Nesta mensagem continua-se a publicação de alguns extractos do seu livro, já iniciadas nas mensagens M234, M235, M236, M237, M238, M239 e M240:
III – A GUERRA DE ÁFRICA E O DESEMPENHO DAS ELITES MILITARES
(continuação)

3.2.1.2 – Os Pára-Quedistas na Guiné — o Batalhão n.º 12
A exactidão que se procura, mesmo quando conseguida, não implica que se tenha sido exaustivo. Nunca se é. Há que estabelecer prioridades, atribuir diferentes graus de importância, resumir acontecimentos. Procurei estabelecer o equilíbrio que me pareceu razoável, entre o que seriam pormenores excessivos e acontecimentos menos relevantes.
A presença das Tropas Pára-Quedistas na Guiné remonta ao ano de 1959, 7 anos antes da criação do BCP 12. No dia 3 de Agosto de 1959 foram desencadeadas greves pelos trabalhadores nativos do porto de Bissau; o movimento grevista foi duramente reprimido pelas autoridades portuguesas que provocaram durante a sua intervenção algumas dezenas de mortos e feridos.
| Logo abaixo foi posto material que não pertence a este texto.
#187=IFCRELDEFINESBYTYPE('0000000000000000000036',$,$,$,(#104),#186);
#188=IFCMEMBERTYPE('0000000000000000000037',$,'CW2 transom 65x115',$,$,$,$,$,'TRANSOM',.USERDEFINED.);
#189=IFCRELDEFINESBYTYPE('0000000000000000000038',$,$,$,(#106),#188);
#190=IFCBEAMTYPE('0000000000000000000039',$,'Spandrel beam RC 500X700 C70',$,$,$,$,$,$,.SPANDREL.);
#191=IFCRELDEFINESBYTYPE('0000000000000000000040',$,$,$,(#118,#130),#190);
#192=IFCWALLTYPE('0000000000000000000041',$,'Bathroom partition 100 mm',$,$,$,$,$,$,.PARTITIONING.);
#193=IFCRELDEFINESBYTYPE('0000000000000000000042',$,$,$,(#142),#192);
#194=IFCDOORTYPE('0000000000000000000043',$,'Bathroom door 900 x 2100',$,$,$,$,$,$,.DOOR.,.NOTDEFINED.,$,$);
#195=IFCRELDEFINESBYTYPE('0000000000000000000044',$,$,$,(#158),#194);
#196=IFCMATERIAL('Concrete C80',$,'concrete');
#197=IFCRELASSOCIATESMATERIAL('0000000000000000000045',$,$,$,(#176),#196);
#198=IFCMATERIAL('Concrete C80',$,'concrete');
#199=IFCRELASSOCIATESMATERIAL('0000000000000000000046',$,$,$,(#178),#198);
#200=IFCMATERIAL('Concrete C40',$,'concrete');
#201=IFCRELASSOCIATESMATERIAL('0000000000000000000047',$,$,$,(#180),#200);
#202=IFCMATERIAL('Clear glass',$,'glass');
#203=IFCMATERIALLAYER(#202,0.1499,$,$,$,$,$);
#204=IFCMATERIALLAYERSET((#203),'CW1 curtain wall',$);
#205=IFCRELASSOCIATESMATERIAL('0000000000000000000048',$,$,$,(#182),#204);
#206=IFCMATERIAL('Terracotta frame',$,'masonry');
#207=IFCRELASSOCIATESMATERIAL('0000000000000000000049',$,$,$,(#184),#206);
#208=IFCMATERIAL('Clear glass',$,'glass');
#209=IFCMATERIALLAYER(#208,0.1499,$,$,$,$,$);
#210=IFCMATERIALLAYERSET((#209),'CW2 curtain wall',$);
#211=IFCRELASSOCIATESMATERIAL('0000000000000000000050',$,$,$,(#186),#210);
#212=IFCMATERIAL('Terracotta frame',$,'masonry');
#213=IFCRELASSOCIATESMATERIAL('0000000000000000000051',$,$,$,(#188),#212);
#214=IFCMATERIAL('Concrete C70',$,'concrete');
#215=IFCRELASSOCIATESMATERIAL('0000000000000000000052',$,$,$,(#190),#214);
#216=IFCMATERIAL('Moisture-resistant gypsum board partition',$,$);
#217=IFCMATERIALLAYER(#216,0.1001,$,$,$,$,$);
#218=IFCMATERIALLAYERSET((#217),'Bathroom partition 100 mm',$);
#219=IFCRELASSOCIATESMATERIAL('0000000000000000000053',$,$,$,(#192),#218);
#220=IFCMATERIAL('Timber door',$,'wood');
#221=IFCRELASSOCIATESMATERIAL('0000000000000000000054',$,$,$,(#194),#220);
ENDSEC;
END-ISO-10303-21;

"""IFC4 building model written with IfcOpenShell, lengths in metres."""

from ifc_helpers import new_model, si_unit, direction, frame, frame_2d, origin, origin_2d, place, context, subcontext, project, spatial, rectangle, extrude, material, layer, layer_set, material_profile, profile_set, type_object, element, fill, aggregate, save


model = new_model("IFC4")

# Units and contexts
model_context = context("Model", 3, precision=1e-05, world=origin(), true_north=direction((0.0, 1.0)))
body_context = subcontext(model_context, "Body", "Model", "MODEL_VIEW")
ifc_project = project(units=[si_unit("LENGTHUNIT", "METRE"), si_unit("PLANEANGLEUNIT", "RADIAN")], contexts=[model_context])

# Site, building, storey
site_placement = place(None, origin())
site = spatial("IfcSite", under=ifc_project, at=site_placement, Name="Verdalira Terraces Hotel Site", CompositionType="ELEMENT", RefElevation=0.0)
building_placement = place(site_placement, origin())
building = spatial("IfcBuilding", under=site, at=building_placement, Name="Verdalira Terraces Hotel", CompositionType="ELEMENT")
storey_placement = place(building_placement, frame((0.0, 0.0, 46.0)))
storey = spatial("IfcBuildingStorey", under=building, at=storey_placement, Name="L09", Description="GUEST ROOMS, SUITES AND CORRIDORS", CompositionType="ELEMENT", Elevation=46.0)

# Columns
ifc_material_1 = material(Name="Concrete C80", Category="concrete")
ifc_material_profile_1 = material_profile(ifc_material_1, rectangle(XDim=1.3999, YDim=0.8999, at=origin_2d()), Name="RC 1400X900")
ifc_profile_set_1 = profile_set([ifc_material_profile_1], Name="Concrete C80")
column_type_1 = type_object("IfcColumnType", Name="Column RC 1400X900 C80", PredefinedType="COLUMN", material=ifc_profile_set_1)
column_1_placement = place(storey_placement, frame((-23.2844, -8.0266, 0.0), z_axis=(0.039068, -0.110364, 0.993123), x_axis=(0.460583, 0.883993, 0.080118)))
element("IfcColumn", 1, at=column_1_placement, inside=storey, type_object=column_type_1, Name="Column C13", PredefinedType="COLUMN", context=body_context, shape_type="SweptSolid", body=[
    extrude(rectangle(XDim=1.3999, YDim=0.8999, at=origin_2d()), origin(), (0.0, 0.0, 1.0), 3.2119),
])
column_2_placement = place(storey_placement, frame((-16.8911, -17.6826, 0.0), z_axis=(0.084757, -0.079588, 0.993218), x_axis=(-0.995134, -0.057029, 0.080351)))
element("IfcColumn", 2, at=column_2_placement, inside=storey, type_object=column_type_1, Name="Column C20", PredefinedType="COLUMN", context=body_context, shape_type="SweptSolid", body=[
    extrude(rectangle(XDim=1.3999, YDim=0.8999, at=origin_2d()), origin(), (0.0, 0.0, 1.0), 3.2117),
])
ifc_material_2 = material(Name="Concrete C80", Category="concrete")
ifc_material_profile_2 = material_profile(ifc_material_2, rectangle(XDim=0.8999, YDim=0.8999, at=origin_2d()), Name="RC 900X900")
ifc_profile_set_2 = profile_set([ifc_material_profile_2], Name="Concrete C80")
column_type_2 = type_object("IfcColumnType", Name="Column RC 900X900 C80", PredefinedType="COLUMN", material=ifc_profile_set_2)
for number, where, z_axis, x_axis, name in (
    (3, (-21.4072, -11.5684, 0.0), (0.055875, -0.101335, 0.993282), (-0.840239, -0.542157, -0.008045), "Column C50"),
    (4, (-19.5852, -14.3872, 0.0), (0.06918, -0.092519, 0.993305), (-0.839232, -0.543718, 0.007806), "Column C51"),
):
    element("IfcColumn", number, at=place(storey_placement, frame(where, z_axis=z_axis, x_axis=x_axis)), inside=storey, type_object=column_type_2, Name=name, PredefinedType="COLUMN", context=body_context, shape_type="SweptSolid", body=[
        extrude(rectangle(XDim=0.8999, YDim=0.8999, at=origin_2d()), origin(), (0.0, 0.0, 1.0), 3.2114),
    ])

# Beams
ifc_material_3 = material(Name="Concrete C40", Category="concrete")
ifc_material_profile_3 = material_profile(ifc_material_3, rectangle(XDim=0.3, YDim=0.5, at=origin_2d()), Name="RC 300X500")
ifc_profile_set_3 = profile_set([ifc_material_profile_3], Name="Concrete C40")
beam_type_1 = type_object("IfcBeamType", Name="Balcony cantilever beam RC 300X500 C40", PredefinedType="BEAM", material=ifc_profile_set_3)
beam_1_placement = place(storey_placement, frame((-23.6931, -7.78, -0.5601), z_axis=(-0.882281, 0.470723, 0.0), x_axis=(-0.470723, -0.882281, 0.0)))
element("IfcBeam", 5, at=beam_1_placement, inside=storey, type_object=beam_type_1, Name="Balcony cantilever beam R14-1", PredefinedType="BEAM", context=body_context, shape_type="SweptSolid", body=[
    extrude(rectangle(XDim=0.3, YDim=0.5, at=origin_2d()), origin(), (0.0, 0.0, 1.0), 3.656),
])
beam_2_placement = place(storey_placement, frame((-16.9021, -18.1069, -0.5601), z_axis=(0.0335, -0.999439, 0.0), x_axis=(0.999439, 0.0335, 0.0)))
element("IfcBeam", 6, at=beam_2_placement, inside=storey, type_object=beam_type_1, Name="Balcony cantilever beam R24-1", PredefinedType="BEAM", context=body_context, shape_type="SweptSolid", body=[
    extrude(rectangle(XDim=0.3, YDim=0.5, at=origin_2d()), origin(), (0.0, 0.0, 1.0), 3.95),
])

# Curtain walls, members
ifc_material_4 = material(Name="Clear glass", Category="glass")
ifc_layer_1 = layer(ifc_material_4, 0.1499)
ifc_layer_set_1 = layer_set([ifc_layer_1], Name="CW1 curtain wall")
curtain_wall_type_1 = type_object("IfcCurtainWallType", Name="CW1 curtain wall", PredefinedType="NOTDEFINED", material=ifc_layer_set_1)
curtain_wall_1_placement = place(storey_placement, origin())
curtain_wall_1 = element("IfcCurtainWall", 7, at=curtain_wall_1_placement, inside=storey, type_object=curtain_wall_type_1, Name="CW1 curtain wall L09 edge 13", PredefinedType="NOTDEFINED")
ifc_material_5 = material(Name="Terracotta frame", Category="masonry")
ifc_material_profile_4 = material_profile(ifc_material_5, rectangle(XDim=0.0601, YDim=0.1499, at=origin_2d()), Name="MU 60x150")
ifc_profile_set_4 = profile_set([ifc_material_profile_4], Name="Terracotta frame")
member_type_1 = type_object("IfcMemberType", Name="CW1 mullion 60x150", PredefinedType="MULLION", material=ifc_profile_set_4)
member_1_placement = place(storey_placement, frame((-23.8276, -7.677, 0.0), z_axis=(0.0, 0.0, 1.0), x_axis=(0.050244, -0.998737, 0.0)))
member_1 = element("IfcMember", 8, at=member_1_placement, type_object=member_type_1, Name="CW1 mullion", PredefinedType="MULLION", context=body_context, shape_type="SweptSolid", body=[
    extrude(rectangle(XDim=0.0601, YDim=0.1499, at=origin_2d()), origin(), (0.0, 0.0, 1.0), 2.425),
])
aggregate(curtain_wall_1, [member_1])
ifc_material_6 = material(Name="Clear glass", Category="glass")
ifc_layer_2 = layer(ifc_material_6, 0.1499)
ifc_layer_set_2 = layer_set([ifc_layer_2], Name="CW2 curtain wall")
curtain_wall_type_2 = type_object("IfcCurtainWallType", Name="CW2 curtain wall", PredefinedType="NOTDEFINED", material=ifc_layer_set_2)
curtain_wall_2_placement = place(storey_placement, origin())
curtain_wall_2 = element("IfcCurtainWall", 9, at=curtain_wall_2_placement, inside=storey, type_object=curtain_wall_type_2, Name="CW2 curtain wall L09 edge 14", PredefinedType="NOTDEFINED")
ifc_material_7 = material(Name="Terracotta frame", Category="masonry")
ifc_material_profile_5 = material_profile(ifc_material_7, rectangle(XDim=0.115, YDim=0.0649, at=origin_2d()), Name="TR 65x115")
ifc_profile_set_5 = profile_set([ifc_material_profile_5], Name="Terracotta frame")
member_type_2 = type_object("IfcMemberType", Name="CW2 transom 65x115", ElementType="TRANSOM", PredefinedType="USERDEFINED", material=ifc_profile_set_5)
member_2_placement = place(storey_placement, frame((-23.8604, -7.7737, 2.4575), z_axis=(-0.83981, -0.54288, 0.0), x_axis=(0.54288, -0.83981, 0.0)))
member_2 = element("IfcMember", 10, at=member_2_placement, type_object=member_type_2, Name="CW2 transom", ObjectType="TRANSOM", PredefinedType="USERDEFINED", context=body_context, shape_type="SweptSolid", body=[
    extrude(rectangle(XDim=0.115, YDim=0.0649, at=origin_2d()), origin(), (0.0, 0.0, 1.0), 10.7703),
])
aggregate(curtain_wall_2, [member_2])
A situação agitou-se por toda a cidade e, uma semana depois, a 10 de Agosto, um pelotão de Pára-Quedistas foi transportado por via aérea para Bissau, de onde regressou a 20 do mesmo mês. Com esta estada de 10 dias se cumpriu a primeira missão das Tropas Pára-Quedistas na Guiné.
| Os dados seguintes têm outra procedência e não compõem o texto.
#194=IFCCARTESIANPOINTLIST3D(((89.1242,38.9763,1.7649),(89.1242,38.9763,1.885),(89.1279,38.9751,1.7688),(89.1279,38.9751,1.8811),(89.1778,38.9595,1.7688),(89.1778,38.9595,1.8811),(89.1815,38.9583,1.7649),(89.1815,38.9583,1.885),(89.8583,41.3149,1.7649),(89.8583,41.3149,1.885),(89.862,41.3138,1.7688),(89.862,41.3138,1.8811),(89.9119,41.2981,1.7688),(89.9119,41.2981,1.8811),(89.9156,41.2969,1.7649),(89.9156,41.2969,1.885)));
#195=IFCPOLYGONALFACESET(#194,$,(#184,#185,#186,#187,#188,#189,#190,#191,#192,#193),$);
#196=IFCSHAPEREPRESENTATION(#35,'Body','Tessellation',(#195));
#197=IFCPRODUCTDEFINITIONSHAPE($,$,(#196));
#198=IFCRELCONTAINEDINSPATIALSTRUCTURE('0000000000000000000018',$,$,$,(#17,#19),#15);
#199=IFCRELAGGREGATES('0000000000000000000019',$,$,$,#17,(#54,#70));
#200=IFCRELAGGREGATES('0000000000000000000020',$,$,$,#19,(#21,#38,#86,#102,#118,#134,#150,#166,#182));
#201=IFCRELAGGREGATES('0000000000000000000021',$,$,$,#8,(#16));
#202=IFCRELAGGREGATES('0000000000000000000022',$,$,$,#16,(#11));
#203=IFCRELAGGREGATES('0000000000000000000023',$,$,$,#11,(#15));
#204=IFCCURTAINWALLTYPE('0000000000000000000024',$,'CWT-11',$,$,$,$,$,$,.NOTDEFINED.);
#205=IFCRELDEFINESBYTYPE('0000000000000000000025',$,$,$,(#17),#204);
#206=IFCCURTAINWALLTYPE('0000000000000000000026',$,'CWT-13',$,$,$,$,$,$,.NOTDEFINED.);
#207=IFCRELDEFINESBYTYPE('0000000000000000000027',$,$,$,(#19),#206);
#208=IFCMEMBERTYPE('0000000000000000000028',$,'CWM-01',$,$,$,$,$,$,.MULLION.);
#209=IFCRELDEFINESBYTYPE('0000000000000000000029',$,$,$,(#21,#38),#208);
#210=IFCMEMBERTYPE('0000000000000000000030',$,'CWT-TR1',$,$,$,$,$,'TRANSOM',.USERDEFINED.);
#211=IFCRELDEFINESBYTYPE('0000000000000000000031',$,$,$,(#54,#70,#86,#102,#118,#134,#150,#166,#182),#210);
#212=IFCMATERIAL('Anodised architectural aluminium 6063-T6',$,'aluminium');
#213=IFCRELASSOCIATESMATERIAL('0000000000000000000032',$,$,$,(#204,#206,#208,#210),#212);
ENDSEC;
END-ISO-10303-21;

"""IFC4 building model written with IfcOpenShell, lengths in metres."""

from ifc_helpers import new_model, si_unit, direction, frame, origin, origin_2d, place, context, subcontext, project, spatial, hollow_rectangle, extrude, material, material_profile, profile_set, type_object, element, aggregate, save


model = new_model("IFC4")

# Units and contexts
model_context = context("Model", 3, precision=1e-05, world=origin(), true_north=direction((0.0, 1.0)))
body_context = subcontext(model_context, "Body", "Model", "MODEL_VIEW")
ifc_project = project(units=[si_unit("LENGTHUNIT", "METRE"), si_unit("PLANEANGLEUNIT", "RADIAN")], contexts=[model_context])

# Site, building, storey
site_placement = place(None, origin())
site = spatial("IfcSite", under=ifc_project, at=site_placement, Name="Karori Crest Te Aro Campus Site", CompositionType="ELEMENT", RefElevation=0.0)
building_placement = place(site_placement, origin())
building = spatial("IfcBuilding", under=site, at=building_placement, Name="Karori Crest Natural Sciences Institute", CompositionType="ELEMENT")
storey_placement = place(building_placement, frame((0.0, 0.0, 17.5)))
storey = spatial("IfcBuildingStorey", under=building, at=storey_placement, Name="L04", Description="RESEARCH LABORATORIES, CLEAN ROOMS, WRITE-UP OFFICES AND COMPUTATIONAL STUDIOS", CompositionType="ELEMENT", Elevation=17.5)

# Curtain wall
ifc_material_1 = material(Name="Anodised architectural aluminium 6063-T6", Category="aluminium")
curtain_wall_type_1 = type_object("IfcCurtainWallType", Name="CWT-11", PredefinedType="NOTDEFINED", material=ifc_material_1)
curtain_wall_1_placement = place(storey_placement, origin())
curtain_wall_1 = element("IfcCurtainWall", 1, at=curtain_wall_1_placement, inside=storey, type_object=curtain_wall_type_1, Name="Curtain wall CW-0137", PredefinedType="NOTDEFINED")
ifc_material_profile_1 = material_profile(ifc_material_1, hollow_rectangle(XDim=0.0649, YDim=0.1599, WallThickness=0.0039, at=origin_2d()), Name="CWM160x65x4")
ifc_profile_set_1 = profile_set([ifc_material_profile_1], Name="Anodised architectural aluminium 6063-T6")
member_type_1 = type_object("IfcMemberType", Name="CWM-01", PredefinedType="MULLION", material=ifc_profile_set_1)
A partir de Janeiro de 1963 a situação na Guiné complicou-se, tanto do ponto de vista político como de segurança, o que obrigou a profundas alterações na composição e efectivos das tropas portuguesas. De Portugal começam a ser enviados homens e materiais, na tentativa de evitar o alastramento da subversão. Foi neste âmbito que, no dia 3 de Julho de 1963 chegou a Bissau um Pelotão de Pára-Quedistas, o qual teve o seu baptismo de fogo no dia 10 de Agosto, durante a execução da operação «Esquilo» que teve lugar entre os rios Grande de Buba e Sahol. Esta operação marca o início de uma longa actividade operacional que só viria a terminar com a independência da Guiné, no ano de 1974.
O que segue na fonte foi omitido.